Math 260, Fall 2017, Assignment 2

From cartan.math.umb.edu

We admit, in geometry, not only infinite magnitudes, that is to say, magnitudes greater than any assignable magnitude, but infinite magnitudes infinitely greater, the one than the other. This astonishes our dimension of brains, which is only about six inches long, five broad, and six in depth, in the largest heads.

- Voltaire

Read:[edit]

  1. Section 1.3.

Carefully define the following terms, then give one example and one non-example of each:[edit]

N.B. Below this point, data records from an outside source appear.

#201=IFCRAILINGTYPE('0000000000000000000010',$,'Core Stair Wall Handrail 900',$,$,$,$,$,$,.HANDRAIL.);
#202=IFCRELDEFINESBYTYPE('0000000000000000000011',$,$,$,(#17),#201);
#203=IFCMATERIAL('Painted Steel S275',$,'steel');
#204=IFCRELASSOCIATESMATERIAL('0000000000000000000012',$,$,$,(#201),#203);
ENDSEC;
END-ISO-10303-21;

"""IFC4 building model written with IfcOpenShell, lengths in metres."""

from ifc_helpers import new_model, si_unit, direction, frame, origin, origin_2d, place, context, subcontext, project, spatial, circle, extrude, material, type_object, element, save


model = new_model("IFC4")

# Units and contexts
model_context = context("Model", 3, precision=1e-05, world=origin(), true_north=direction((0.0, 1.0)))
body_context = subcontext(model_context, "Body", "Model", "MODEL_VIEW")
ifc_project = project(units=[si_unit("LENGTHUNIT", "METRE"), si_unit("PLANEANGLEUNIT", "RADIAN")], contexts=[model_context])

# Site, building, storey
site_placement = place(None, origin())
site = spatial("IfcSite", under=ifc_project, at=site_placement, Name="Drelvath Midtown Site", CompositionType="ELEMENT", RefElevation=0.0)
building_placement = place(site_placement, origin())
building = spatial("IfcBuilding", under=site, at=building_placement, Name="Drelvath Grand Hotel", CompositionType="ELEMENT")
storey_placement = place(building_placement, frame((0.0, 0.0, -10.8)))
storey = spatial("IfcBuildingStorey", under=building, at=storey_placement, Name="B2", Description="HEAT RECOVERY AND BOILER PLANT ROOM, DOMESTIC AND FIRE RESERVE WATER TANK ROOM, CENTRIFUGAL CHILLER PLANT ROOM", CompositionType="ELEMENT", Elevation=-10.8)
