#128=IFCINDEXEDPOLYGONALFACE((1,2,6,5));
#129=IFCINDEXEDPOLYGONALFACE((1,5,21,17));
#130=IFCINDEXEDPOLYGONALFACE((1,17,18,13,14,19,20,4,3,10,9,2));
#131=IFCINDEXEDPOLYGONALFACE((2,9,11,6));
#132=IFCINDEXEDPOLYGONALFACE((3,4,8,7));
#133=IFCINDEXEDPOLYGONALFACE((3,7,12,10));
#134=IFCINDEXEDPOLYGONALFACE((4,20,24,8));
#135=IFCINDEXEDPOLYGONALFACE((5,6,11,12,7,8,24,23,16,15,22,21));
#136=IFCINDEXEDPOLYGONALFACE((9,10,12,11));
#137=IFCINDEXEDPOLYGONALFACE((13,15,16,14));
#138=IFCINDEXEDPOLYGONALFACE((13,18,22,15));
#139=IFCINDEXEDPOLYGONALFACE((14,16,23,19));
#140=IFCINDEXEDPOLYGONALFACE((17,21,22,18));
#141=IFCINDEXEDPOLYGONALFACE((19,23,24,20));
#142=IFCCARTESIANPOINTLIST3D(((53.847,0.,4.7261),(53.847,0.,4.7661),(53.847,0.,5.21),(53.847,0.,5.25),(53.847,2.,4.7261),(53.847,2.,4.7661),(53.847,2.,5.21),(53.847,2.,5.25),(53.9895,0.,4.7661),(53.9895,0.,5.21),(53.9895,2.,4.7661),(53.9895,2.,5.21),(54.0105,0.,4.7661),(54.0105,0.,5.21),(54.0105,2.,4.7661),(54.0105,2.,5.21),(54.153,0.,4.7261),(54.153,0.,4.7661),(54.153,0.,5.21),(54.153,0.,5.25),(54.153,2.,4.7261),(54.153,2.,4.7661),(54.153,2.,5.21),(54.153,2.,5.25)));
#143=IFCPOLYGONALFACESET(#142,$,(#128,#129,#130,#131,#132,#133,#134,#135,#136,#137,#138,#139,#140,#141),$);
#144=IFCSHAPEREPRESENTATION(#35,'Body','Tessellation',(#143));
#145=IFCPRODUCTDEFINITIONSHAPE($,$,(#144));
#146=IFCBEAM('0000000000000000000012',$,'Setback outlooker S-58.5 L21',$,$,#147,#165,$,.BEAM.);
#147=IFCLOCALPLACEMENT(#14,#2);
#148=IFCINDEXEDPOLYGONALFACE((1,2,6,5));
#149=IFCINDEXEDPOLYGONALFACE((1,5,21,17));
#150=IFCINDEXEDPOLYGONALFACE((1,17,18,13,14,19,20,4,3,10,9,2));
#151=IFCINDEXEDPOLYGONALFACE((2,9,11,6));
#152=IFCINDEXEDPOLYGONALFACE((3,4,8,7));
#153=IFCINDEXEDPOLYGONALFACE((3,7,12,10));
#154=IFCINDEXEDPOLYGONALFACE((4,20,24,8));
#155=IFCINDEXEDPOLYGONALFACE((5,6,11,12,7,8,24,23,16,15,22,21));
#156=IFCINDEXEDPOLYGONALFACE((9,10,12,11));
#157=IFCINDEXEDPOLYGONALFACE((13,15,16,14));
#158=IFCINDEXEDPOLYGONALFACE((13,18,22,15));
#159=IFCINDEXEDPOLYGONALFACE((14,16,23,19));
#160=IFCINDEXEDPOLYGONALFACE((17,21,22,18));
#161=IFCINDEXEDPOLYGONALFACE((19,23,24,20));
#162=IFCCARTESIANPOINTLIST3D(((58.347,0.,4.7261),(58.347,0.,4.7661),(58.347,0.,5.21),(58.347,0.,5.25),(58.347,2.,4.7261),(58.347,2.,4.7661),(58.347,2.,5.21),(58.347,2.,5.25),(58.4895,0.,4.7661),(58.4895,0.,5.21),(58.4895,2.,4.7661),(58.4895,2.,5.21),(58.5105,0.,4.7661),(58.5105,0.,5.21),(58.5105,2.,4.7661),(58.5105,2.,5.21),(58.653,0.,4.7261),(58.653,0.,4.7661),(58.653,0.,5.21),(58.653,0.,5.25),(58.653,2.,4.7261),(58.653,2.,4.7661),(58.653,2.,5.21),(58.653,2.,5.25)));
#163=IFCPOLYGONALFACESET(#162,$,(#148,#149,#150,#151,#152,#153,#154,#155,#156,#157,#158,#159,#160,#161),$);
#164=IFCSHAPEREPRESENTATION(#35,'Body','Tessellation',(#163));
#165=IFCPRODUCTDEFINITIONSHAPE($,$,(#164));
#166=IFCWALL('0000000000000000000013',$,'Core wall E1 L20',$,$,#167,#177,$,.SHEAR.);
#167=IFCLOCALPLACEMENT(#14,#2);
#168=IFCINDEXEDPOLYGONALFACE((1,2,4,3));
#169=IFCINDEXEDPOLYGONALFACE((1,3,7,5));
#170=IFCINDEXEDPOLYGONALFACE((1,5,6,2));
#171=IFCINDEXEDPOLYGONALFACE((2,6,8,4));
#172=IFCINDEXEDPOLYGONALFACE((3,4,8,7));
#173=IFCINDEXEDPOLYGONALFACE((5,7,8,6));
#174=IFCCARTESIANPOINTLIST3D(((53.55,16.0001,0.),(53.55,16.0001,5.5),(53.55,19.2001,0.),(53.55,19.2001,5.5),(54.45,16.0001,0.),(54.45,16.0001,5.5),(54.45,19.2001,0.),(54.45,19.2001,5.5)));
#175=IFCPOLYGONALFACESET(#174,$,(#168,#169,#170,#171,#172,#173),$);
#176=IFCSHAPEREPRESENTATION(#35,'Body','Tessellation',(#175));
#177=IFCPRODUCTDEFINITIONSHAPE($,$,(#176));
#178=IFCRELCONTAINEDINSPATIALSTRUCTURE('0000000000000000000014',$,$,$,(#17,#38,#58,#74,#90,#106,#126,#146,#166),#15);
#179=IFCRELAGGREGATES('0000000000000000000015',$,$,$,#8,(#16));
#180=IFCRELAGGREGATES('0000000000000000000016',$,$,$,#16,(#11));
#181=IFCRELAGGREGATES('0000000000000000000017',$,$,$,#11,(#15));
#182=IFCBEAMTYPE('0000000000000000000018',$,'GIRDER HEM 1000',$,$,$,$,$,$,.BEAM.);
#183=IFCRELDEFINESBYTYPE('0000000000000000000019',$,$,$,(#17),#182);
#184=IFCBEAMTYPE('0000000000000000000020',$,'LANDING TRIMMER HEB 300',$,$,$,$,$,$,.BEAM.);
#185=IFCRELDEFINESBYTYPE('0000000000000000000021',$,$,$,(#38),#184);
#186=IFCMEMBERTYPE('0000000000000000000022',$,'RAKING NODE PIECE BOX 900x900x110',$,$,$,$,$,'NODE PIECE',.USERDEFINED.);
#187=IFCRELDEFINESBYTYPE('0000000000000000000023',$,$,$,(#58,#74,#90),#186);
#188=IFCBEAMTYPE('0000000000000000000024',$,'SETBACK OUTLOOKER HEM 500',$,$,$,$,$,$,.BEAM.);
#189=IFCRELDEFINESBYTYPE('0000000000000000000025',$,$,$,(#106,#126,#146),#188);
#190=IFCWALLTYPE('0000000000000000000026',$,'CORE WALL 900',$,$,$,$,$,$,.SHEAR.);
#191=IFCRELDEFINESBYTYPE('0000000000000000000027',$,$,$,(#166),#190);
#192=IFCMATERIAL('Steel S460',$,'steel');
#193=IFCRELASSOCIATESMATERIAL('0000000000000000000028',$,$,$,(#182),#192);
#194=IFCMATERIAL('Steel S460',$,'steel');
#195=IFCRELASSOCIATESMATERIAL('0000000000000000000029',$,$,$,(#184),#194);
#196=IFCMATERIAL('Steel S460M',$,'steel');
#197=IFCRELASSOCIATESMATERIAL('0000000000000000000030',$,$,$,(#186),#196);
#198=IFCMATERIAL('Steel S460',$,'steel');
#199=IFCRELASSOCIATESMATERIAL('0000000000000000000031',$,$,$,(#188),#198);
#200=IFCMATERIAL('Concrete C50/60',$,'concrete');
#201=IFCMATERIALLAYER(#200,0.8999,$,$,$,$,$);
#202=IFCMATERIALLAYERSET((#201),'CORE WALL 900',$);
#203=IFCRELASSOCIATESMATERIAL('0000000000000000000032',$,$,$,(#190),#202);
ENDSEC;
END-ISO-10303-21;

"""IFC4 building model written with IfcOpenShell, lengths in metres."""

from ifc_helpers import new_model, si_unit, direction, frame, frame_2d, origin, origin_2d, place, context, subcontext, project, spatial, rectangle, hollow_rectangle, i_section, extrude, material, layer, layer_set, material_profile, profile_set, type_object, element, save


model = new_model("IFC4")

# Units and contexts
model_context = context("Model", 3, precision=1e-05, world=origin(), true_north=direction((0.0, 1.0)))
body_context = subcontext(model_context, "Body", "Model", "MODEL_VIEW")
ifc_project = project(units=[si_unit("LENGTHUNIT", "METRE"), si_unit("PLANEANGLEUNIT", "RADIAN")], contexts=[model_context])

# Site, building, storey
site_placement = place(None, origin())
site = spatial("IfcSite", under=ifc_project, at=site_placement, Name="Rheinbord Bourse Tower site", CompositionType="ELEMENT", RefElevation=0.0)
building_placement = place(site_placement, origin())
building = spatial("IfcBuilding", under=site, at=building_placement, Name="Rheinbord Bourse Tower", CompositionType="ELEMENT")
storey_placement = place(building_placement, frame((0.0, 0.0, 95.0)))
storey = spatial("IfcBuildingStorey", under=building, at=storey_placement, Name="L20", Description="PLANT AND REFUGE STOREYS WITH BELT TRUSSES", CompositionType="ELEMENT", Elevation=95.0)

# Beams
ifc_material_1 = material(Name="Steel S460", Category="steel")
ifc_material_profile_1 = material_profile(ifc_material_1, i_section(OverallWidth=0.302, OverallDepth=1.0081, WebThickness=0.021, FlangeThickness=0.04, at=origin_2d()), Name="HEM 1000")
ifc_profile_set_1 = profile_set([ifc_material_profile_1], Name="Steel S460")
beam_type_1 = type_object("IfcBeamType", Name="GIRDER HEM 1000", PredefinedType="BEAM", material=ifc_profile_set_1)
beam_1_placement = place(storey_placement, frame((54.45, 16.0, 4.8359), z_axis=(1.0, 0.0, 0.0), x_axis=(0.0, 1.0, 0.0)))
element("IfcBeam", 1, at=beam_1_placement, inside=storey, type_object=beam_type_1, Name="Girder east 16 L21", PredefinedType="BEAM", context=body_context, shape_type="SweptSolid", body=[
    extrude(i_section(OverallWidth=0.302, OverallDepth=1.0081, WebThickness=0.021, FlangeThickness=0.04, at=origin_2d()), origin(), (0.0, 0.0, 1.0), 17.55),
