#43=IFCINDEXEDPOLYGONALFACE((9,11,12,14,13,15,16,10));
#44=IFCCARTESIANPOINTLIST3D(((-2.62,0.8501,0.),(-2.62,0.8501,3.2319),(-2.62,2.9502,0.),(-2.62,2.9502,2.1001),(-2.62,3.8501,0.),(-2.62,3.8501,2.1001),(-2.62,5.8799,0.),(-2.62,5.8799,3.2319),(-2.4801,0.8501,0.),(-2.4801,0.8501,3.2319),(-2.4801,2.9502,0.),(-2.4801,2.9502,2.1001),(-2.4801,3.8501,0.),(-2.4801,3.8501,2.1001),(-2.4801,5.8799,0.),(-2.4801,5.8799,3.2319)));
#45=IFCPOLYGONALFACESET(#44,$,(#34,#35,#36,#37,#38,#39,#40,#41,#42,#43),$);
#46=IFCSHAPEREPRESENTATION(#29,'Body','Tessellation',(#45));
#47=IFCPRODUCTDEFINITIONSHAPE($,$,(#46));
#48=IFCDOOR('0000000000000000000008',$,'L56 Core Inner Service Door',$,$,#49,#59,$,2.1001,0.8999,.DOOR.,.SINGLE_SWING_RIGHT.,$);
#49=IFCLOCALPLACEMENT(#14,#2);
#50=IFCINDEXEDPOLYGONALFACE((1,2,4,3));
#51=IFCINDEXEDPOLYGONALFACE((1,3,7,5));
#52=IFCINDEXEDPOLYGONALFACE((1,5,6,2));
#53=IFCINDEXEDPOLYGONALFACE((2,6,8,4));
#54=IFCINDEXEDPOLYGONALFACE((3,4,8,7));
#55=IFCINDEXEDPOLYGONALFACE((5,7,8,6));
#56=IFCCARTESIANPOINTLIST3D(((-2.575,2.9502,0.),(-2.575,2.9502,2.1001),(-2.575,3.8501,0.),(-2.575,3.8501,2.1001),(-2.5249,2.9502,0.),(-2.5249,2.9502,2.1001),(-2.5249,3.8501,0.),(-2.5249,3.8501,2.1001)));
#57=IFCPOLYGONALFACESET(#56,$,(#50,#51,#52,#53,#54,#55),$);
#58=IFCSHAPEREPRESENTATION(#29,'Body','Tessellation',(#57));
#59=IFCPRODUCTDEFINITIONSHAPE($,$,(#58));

  1. (In) reduced row-echelon form.
  2. Reduced row-echelon form (of a given matrix).
  3. Pivot (of a matrix in reduced row-echelon form).
  4. Dimension (of the solution set of a linear system).
  5. Geometric vector.
  6. Sum (of two geometric vectors).
  7. Scalar multiple (of a geometric vector).
  8. Zero vector.

Carefully state the following theorems (you need not prove them):[edit]

  1. Statement describing the solutions of a linear system in reduced row-echelon form.

Solve the following problems:[edit]

  1. Section 1.2, problems 1, 2, 4, 5, and 7 (you have already done Gauss-Jordan elimination on these systems in the previous assignment; now go ahead and write the solutions of these linear systems).
  2. Section 1.2, problems 18, 19, 20, 22, and 29.
  3. Section 1.3, problems 1, 7, and 8.